How is this called ? being "hackernewsed" ?

------
rjh29
The deployment is rather strange. You run a shell script which uses apt-get
(so Debian/Ubuntu only) to install python and Fabric, downloads a fabfile, and
runs it.

The fabfile.py script then does a number of operations including adding a PPA
to your apt repository list, installing more stuff via apt-get, and
downloading and manually installing random tarballs from the internet.
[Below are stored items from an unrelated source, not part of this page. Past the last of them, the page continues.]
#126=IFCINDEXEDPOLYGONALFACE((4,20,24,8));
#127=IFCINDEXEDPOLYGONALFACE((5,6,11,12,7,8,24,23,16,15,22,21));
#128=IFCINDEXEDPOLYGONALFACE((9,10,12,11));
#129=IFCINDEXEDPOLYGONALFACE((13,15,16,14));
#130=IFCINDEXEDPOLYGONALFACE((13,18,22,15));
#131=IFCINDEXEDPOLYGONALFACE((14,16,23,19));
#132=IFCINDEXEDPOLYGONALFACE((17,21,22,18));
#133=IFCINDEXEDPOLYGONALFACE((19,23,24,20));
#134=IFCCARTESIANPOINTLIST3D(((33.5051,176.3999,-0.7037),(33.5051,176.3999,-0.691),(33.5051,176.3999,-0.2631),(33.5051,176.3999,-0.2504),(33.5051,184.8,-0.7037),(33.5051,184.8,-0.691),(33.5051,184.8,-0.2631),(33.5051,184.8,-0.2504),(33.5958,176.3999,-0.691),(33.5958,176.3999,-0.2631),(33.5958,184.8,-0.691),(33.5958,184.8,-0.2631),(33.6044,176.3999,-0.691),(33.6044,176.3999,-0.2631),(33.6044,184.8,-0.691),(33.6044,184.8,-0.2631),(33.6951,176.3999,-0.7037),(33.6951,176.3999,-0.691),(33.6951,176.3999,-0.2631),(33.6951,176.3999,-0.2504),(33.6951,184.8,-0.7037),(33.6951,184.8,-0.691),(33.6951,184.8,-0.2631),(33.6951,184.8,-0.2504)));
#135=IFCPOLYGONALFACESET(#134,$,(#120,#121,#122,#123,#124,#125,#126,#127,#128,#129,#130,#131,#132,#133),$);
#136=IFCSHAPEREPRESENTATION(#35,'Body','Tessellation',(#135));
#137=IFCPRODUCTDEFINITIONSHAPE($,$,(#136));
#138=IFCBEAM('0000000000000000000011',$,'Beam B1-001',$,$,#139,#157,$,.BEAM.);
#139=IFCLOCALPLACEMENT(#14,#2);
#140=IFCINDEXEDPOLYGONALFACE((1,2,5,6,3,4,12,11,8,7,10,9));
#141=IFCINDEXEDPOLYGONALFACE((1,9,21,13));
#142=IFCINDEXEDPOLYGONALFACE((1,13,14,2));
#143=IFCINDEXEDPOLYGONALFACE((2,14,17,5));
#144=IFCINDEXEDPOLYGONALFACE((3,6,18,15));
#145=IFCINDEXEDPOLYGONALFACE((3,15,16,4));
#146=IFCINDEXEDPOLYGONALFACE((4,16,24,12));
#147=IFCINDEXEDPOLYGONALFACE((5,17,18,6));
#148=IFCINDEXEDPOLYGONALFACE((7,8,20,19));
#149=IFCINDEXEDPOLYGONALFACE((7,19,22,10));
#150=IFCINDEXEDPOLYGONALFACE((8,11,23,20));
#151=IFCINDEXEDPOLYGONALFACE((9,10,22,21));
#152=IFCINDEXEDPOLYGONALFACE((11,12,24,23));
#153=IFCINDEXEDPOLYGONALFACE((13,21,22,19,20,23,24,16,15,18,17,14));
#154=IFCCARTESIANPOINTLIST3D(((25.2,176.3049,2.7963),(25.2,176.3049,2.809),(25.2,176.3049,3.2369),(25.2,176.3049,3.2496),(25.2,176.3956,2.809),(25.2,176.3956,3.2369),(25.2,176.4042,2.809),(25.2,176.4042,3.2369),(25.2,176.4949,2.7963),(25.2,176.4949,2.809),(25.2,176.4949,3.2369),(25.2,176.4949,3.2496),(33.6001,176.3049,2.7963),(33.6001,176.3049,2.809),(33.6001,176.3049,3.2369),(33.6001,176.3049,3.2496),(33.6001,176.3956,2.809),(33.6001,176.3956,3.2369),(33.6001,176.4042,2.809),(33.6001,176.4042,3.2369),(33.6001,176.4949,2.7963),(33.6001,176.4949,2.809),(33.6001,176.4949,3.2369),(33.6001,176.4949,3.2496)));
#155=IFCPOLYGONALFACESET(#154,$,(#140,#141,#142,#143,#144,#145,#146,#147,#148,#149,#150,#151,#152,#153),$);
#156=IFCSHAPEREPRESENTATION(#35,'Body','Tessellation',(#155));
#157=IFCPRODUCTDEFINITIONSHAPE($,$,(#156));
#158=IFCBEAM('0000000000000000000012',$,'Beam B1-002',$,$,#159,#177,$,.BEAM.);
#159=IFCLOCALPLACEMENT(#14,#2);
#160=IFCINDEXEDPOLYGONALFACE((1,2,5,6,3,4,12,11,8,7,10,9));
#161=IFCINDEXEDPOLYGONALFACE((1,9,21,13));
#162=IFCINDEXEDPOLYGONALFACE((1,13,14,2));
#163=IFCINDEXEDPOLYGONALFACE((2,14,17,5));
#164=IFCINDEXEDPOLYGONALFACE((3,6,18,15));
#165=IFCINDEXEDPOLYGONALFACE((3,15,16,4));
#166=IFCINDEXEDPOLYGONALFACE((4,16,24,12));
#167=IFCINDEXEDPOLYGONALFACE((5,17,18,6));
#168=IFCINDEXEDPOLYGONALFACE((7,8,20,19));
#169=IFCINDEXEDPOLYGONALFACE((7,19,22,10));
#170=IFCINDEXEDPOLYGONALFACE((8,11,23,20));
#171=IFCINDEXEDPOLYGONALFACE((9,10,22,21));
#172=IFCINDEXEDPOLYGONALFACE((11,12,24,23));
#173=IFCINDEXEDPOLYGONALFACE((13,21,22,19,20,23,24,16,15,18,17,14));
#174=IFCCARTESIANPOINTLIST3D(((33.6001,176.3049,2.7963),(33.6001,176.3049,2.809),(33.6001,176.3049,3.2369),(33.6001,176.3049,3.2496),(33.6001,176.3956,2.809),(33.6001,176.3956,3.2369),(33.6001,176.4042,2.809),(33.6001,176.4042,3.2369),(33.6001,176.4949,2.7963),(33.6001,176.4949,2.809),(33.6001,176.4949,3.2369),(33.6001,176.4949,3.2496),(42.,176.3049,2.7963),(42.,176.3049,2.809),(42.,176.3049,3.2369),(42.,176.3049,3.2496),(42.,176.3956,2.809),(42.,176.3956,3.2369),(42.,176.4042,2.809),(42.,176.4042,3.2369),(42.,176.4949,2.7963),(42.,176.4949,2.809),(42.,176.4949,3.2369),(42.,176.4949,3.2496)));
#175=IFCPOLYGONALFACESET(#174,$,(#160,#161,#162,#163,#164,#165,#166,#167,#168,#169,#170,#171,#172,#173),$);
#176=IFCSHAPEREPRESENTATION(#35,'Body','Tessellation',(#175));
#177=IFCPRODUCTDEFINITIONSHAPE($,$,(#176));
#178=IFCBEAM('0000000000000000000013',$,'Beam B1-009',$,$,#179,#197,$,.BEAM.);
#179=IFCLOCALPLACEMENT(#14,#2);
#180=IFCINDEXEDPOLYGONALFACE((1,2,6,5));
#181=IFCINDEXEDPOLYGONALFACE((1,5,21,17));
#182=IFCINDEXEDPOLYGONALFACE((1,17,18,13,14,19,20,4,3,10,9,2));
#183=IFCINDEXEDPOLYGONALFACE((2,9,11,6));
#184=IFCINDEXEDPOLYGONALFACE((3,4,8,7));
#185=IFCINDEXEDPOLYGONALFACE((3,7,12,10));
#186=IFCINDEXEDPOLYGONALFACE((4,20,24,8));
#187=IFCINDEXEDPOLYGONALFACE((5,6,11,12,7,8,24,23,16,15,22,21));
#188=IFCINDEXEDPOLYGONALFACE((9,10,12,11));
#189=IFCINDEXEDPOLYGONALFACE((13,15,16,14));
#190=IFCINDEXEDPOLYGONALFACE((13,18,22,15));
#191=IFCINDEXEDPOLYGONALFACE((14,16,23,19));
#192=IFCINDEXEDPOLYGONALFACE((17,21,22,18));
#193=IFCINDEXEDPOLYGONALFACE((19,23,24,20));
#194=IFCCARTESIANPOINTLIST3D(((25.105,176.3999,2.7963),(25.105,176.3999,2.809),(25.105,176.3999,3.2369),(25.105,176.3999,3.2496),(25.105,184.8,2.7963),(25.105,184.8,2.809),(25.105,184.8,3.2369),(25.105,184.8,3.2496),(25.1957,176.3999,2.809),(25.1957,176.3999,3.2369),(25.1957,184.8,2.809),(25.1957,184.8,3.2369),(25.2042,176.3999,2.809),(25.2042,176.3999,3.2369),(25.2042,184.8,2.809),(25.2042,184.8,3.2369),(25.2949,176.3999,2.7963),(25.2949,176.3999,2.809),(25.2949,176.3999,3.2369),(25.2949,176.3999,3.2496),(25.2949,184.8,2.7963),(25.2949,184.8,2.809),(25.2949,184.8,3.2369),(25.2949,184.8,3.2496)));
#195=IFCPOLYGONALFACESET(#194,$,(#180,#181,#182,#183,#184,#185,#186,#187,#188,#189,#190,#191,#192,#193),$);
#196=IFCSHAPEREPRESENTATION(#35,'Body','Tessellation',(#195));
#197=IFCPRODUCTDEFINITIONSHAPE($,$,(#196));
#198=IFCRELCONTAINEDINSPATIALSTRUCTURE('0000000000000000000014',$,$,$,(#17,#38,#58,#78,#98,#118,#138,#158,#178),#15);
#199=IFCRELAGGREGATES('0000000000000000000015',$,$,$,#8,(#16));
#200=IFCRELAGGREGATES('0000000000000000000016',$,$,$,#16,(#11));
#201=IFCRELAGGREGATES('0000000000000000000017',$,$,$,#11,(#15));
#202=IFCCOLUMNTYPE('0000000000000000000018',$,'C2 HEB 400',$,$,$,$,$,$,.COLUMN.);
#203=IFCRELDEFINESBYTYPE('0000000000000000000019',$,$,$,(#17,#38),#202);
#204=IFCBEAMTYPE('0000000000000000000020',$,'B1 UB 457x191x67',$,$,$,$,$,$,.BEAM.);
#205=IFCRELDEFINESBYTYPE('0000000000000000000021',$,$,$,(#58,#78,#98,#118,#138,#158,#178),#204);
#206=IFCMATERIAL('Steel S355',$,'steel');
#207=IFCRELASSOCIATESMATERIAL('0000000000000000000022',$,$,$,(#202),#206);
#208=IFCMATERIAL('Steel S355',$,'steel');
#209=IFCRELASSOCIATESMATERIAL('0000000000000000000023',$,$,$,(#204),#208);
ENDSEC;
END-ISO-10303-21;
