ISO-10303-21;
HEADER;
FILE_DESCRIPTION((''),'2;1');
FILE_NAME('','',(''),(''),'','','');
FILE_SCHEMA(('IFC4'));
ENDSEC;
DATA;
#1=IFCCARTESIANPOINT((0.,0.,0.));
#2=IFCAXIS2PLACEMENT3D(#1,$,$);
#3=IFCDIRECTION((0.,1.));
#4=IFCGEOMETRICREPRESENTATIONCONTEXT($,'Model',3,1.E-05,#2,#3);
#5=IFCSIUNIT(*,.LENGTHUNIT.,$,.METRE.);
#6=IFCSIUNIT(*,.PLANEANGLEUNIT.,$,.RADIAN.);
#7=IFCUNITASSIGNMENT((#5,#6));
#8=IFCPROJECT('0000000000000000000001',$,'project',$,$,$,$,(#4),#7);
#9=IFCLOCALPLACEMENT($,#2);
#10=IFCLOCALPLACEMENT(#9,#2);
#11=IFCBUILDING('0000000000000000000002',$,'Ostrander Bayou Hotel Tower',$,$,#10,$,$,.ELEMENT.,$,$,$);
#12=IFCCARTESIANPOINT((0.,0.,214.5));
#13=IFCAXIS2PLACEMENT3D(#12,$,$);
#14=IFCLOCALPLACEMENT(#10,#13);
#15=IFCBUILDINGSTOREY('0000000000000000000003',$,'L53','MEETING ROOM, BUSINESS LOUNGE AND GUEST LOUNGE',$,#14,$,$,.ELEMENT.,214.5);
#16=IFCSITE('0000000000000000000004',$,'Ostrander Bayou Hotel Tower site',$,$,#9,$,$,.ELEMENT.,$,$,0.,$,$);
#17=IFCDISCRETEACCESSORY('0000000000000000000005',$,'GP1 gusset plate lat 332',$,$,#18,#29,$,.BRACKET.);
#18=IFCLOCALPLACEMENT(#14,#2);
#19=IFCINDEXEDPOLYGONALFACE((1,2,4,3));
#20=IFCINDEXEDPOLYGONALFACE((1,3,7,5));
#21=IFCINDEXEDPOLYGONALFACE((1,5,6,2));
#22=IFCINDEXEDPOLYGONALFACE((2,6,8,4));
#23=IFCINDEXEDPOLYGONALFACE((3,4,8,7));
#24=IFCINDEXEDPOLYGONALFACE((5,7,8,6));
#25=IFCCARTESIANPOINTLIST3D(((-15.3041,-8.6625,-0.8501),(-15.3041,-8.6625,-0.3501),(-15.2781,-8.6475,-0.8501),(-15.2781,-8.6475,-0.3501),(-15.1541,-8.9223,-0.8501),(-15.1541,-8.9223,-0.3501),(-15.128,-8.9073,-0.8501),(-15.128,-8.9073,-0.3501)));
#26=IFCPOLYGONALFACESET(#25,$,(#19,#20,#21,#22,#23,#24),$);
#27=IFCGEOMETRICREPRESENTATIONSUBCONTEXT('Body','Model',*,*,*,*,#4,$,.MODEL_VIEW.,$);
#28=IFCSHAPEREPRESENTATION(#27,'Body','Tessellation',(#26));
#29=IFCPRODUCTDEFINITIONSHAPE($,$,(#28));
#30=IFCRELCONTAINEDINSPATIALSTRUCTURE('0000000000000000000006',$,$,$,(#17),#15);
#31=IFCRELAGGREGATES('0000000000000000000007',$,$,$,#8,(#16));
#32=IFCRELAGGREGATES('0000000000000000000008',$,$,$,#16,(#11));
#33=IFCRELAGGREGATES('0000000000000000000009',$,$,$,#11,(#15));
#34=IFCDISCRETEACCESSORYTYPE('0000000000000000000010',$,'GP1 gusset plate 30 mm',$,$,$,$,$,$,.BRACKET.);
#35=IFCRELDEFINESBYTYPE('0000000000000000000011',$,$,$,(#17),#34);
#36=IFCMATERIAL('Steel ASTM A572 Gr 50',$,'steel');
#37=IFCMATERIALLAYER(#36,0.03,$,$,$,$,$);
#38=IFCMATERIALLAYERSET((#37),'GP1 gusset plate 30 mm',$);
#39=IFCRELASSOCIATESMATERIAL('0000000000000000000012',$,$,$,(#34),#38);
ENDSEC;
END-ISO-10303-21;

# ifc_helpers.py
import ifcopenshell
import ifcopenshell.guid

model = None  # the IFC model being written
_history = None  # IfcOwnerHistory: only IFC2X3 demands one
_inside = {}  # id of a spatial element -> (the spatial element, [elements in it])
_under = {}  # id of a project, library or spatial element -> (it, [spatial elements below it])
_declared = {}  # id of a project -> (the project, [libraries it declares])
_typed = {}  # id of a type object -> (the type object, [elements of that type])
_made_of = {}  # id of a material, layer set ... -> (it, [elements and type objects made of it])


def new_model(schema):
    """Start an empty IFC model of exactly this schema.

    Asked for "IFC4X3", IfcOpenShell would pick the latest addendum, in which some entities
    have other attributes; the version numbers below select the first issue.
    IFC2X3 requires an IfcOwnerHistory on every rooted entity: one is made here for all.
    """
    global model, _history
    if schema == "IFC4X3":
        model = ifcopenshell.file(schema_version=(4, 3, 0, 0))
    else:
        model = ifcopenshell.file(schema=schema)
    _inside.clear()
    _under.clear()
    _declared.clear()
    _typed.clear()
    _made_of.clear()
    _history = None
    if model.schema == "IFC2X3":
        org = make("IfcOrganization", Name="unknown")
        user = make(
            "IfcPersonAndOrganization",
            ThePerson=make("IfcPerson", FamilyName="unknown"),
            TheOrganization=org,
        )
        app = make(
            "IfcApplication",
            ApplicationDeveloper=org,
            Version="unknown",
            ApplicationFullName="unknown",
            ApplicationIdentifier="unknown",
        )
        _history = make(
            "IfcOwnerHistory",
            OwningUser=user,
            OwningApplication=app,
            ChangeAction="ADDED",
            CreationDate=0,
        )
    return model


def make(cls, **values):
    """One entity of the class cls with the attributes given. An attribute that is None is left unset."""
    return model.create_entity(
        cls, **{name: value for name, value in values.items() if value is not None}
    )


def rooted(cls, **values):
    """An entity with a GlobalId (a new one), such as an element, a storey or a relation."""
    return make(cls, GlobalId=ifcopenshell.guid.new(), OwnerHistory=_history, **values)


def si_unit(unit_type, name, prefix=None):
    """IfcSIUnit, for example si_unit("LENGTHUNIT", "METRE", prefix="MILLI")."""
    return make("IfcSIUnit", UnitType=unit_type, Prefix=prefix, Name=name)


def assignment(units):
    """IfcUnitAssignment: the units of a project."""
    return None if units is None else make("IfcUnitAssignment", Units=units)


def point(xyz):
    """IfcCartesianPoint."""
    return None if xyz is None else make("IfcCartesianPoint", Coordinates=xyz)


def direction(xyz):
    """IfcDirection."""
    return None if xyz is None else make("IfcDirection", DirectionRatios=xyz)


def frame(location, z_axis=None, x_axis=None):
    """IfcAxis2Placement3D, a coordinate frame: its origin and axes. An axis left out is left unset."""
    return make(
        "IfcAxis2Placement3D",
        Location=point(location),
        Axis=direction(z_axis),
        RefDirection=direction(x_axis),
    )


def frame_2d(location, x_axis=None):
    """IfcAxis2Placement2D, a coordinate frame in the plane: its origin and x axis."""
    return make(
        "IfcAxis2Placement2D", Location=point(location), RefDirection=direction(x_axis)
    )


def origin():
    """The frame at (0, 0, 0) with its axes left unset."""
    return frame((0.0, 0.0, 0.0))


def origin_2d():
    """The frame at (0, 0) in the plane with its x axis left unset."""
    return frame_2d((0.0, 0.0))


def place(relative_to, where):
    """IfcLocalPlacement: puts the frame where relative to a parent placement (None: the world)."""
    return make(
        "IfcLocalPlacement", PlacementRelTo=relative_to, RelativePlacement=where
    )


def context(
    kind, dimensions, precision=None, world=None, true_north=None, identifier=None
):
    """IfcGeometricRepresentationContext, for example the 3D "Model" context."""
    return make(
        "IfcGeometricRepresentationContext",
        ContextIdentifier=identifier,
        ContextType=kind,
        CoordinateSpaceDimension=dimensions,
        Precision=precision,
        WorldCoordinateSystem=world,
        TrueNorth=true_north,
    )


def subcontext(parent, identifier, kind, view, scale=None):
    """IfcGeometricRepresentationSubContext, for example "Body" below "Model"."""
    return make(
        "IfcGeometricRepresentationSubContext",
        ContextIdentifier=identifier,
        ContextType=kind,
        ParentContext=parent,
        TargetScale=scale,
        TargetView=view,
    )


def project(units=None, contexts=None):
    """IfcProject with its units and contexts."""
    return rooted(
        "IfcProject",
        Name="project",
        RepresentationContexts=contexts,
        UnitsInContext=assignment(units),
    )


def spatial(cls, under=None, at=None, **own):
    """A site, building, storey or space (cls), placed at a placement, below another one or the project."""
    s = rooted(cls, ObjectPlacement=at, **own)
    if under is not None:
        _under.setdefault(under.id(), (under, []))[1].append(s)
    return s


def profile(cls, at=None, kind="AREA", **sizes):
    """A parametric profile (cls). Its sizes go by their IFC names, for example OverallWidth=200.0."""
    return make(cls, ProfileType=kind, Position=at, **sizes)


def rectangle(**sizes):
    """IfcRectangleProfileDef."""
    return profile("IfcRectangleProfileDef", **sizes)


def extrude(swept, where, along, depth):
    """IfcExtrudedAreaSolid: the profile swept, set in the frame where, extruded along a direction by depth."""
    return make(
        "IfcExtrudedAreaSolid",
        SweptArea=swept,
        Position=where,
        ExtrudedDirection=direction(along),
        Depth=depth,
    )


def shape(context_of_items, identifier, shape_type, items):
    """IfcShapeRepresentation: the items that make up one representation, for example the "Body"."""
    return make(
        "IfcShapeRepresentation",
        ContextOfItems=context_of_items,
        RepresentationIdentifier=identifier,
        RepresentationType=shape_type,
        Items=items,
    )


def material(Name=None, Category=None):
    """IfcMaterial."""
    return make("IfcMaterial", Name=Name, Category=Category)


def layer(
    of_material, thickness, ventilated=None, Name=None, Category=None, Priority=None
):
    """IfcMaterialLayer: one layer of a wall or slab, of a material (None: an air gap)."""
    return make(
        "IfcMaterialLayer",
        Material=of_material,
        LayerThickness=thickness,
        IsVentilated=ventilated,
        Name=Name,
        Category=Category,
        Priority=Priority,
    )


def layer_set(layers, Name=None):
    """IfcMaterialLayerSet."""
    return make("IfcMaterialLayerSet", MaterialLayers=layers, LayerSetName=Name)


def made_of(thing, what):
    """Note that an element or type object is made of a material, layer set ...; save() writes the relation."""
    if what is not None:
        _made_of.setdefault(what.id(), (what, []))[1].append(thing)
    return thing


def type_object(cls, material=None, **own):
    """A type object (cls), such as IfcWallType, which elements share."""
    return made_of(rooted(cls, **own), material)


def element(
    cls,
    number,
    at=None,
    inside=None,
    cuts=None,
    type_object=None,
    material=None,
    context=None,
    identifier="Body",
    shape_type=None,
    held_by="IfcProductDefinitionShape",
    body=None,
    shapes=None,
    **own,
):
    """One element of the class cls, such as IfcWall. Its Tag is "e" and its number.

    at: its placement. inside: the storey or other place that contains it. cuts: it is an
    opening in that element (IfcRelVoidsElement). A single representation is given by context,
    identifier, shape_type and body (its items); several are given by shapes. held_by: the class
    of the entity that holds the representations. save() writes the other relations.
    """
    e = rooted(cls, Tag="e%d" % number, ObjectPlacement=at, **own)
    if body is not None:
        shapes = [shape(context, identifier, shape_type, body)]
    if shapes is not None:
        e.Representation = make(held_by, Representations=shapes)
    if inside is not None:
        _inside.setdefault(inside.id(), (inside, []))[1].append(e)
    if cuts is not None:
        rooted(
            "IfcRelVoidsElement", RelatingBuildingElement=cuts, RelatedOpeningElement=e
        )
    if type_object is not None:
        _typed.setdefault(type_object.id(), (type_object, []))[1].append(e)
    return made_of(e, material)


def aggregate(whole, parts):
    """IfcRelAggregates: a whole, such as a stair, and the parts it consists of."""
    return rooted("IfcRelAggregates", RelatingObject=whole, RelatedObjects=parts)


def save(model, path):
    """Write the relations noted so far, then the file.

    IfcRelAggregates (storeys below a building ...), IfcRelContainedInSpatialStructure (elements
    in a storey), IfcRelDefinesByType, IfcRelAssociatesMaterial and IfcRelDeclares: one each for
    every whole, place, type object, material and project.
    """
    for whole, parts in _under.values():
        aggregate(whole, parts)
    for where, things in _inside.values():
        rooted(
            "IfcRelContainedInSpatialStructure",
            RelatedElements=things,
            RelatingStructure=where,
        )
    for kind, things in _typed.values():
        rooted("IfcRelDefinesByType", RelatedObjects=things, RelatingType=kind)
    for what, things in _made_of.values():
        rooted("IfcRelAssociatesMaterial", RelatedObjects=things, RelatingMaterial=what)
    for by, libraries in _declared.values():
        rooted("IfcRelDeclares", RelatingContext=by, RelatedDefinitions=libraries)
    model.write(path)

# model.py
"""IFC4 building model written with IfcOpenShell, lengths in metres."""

from ifc_helpers import new_model, si_unit, direction, frame, origin, origin_2d, place, context, subcontext, project, spatial, rectangle, extrude, material, layer, layer_set, type_object, element, save


model = new_model("IFC4")

# Units and contexts
model_context = context("Model", 3, precision=1e-05, world=origin(), true_north=direction((0.0, 1.0)))
body_context = subcontext(model_context, "Body", "Model", "MODEL_VIEW")
ifc_project = project(units=[si_unit("LENGTHUNIT", "METRE"), si_unit("PLANEANGLEUNIT", "RADIAN")], contexts=[model_context])

# Site, building, storey
site_placement = place(None, origin())
site = spatial("IfcSite", under=ifc_project, at=site_placement, Name="Ostrander Bayou Hotel Tower site", CompositionType="ELEMENT", RefElevation=0.0)
building_placement = place(site_placement, origin())
building = spatial("IfcBuilding", under=site, at=building_placement, Name="Ostrander Bayou Hotel Tower", CompositionType="ELEMENT")
storey_placement = place(building_placement, frame((0.0, 0.0, 214.5)))
storey = spatial("IfcBuildingStorey", under=building, at=storey_placement, Name="L53", Description="MEETING ROOM, BUSINESS LOUNGE AND GUEST LOUNGE", CompositionType="ELEMENT", Elevation=214.5)

# Discrete accessory
ifc_material_1 = material(Name="Steel ASTM A572 Gr 50", Category="steel")
ifc_layer_1 = layer(ifc_material_1, 0.03)
ifc_layer_set_1 = layer_set([ifc_layer_1], Name="GP1 gusset plate 30 mm")
discrete_accessory_type = type_object("IfcDiscreteAccessoryType", Name="GP1 gusset plate 30 mm", PredefinedType="BRACKET", material=ifc_layer_set_1)
for number, where, z_axis, x_axis, name in (
    (1, (-15.2161, -8.7849, -0.8501), (0.0, 0.0, 1.0), (0.5, -0.866025, 0.0), "GP1 gusset plate lat 332"),
):
    element("IfcDiscreteAccessory", number, at=place(storey_placement, frame(where, z_axis=z_axis, x_axis=x_axis)), inside=storey, type_object=discrete_accessory_type, Name=name, PredefinedType="BRACKET", context=body_context, shape_type="SweptSolid", body=[
        extrude(rectangle(XDim=0.3, YDim=0.03, at=origin_2d()), origin(), (0.0, 0.0, 1.0), 0.5),
    ])

save(model, "model.ifc")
Here are some interesting examples from the deployment script:

    
    
      @task
      def uninstall_couchdb():
          """
          Install CouchDB 1.3.0
          """
          require_file(url='http://apache.crihan.fr/dist/couchdb/source/' +
              '1.3.0/apache-couchdb-1.3.0.tar.gz')
    
      @task
      def uninstall_redis():
          '''
          Uninstall Redis 2.4.14
          '''
          su_delete('/var/lib/redis')
          su_delete('/var/db/redis')
          su_delete('/var/log/redis')
          su_delete('/var/run/redis')
          su_delete('/opt/redis-2.4.14')
          su_delete('/etc/redis')
          su_delete('/etc/supervisor/conf.d/redis_cozy.conf')
          supervisor.update_config()
          print(green("Redis 2.4.14 successfully uninstalled"))
    

I am interested to know what issues the author had with getting deployment to
work via traditional means (such as producing a .deb package out of the
product that would be easy to install and uninstall, and have the appropriate
dependencies properly set up). While this approach is quick and easy, I can't
help but feel that it is prone to breakage and difficult to manage, especially
in more professional environments.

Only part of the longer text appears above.